Quantitative assessment of alkali silica reaction potential of quartz-rich aggregates: comparison of chemical test and accelerated mortar bar test improved by SEM-PIA

Abstract

The alkali silica reaction (ASR), which originates in highly alkaline conditions in concrete where reactive forms of silica are available, causes serious damage to concrete structures. The ASR potential of various quartz-rich aggregates (pegmatite quartz, quartzite, quartz meta-greywacke, and chert) was quantified using accelerated mortar bar test (AMBT), chemical test (CT), and scanning electron microscopy combined with petrographic image analysis (SEM-PIA). Only two samples (quartz meta-greywacke, and pegmatite quartz) were judged as deleterious according to the CT; the other aggregates were classified as innocuous. AMBT gave different results. Quartz meta-greywacke, chert, and quartzite exceeded the 0.100 % expansion limit after 14 days of testing. Pegmatite quartz indicated a lower value. The results of SEM-PIA confirmed the results of AMBT, indicating the most extensive ASR in those AMBs containing chert and quartz meta-greywacke. Parts of aggregates were leached out and massive deposits of alkali–silica gels were found filling air voids, microcracks, and the aggregate/cement paste interface. The medium or low degree of ASR was confirmed in AMBs containing quartzite or pegmatite quartz, respectively. ASR accentuated pre-existing microcracks and formed new dissolution gaps.
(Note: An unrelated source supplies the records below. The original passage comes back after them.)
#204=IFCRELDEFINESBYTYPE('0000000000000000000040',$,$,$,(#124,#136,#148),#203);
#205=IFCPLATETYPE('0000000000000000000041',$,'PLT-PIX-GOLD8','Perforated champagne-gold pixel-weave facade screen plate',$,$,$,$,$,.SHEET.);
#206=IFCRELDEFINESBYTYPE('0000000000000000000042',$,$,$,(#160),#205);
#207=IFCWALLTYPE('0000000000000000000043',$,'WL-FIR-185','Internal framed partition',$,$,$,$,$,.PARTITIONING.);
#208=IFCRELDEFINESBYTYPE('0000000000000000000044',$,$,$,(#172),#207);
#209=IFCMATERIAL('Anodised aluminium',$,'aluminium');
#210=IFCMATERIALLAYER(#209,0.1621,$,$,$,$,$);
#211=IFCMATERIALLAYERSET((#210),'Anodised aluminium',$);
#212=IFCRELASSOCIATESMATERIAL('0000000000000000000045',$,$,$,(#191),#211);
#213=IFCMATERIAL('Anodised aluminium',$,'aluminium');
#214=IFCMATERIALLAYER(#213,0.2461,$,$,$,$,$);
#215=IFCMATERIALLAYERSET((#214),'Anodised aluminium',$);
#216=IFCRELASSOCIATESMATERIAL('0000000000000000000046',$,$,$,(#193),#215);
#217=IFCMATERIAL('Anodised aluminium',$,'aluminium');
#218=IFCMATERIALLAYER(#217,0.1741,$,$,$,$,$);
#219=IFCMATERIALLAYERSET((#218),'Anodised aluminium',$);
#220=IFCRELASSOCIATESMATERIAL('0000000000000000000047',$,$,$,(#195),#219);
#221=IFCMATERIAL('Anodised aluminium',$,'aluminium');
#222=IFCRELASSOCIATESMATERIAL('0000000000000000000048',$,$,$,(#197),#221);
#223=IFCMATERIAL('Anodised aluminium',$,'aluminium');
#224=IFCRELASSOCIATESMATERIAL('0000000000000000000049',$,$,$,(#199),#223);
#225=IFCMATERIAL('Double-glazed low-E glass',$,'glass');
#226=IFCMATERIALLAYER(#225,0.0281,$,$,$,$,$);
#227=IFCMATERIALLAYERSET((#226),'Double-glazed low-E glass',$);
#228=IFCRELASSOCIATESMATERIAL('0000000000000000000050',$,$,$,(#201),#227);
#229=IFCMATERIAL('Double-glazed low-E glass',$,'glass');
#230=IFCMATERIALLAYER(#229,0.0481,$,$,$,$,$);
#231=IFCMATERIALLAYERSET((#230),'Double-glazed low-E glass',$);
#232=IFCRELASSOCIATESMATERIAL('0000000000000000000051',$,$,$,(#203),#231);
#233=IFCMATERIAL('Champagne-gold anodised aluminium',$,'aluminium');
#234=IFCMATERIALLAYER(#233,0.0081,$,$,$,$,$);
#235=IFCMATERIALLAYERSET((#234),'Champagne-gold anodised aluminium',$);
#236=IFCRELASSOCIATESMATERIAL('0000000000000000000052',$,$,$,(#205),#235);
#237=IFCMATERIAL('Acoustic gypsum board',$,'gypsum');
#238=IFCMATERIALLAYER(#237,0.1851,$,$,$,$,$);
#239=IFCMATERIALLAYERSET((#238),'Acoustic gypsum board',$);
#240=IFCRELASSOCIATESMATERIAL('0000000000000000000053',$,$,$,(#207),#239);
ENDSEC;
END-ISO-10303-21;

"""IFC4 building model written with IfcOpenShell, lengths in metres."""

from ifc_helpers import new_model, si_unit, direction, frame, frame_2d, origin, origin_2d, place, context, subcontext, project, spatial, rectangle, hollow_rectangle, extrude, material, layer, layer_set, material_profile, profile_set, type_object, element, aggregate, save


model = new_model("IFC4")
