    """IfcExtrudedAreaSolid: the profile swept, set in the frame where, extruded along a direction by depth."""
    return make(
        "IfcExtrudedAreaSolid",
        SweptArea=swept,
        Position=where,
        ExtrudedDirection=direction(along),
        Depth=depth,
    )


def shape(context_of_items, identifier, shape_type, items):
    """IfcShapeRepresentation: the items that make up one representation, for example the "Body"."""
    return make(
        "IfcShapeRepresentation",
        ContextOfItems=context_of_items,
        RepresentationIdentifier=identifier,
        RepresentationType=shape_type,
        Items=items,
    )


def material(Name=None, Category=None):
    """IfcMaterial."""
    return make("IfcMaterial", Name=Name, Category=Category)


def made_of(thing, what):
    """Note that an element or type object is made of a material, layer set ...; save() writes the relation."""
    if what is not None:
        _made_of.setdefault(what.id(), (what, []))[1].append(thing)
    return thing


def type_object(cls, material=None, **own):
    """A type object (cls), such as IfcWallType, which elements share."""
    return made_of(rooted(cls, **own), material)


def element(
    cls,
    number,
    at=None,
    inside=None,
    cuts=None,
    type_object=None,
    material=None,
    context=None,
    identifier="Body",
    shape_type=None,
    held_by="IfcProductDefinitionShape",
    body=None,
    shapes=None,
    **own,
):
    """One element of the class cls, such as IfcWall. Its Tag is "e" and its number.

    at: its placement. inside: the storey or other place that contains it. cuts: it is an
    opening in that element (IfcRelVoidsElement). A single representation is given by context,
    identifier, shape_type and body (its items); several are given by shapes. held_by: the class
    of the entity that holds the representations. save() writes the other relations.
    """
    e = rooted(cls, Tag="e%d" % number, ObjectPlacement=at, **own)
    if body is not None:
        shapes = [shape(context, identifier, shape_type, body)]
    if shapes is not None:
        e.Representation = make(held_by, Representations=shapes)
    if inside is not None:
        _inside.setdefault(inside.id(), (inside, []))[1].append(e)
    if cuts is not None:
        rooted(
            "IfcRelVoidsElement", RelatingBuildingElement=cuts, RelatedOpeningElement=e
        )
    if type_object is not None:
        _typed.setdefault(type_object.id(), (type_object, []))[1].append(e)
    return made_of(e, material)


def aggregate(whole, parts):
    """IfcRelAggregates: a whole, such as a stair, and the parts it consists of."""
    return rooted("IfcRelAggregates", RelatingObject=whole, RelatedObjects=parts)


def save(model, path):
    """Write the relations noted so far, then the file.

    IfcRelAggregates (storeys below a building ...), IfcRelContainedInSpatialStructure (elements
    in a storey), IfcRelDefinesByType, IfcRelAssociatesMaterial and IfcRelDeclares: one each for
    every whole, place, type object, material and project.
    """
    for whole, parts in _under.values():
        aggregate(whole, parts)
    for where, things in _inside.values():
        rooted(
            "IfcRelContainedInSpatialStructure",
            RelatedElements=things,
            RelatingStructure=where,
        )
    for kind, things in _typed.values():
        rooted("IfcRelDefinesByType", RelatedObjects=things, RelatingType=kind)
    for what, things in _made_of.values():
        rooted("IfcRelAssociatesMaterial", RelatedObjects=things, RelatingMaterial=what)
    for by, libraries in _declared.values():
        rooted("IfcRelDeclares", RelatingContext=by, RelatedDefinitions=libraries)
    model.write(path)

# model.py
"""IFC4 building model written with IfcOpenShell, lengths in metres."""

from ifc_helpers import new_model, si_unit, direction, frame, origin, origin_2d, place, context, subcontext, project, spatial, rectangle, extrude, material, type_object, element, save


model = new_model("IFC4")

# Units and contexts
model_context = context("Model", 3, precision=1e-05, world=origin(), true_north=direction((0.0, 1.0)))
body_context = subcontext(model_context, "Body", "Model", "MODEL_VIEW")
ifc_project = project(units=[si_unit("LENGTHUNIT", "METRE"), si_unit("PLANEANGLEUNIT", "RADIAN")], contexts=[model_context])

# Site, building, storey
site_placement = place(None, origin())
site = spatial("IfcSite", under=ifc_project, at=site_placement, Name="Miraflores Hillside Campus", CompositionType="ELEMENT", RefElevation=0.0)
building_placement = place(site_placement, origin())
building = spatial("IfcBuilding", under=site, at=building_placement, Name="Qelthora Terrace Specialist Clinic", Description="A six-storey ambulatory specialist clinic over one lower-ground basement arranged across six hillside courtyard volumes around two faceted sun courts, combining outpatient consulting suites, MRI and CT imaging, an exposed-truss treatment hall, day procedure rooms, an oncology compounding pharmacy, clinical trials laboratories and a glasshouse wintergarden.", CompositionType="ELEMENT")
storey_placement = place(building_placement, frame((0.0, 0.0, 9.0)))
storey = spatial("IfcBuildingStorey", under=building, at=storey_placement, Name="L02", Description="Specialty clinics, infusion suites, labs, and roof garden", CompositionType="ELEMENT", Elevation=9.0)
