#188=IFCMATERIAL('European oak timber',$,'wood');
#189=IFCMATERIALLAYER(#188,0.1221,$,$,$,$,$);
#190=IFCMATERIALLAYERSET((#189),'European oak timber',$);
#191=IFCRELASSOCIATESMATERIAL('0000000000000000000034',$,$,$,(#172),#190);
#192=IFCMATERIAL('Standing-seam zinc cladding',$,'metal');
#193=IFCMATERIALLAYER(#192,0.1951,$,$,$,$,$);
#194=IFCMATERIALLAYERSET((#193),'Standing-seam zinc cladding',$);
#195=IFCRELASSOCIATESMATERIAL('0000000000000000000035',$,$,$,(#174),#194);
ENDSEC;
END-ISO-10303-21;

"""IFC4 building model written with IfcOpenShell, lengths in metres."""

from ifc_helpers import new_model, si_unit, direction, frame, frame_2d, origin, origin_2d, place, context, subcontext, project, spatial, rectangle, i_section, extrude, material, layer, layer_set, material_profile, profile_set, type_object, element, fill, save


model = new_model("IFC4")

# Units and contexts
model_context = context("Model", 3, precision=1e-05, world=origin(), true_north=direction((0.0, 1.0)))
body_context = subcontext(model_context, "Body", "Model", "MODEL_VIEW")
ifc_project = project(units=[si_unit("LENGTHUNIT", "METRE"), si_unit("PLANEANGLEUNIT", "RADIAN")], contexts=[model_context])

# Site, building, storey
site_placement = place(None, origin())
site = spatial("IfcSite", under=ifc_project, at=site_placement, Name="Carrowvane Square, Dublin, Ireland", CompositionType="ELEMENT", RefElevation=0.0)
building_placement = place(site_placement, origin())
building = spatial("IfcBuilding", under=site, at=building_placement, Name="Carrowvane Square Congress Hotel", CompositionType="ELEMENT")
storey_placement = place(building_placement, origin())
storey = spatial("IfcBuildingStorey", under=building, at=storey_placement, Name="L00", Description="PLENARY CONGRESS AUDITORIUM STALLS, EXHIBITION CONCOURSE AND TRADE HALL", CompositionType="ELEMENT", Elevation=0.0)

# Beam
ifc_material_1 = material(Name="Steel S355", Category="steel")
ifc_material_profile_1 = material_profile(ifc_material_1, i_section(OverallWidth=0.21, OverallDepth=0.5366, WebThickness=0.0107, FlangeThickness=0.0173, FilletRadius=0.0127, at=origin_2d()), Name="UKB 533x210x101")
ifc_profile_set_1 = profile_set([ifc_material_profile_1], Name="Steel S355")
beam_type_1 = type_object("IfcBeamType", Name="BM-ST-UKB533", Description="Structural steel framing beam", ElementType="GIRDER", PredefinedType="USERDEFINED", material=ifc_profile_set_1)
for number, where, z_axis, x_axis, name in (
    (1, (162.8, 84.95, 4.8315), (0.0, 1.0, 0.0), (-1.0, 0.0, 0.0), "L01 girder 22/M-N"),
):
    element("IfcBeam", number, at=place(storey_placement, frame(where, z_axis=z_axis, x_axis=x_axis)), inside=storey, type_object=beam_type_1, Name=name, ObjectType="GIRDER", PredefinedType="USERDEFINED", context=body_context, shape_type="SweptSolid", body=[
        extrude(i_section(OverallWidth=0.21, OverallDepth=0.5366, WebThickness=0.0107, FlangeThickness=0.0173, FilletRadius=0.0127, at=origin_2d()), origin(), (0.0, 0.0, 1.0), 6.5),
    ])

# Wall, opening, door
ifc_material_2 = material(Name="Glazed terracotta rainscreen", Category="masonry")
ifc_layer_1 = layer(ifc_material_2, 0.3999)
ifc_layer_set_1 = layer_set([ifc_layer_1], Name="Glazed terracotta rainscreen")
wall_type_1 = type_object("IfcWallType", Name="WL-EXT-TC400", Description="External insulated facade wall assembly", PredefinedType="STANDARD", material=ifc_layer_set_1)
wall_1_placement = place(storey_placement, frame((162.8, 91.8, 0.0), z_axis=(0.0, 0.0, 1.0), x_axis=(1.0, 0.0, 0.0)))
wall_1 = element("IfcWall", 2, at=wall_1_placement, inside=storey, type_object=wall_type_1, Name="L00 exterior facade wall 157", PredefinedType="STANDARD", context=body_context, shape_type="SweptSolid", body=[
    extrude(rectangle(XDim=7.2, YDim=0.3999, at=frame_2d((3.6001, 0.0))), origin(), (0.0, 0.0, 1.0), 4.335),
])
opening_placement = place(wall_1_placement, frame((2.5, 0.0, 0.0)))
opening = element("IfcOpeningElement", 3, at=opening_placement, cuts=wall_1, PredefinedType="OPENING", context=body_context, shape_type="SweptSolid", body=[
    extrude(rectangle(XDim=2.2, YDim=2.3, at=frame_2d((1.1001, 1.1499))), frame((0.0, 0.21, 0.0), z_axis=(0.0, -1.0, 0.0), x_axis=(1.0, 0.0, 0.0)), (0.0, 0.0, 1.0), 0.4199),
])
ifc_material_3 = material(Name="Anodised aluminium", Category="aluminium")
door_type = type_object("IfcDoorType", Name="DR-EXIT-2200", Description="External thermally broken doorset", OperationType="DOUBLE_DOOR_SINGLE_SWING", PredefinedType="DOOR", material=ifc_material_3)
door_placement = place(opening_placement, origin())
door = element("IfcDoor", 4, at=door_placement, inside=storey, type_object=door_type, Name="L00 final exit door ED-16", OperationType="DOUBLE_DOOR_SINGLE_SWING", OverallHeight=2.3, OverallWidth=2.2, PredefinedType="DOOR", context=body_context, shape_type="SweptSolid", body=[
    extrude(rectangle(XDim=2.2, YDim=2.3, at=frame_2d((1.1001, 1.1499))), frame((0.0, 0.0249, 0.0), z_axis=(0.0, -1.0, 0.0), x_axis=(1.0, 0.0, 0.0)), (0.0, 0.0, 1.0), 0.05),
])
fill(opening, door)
In contrast, no correlation was found with the results of CT, which under-evaluated the ASR potential of chert and quartzite and over evaluated the ASR potential of pegmatite quartz. The variable ASR potential of the investigated aggregates was explained by the significant content of poorly crystalline matrix (in chert and quartz meta-greywacke), and by the presence of strained quartz typical with undulose extinction and the origin of quartz subgrains (in quartzite and pegmatite quartz).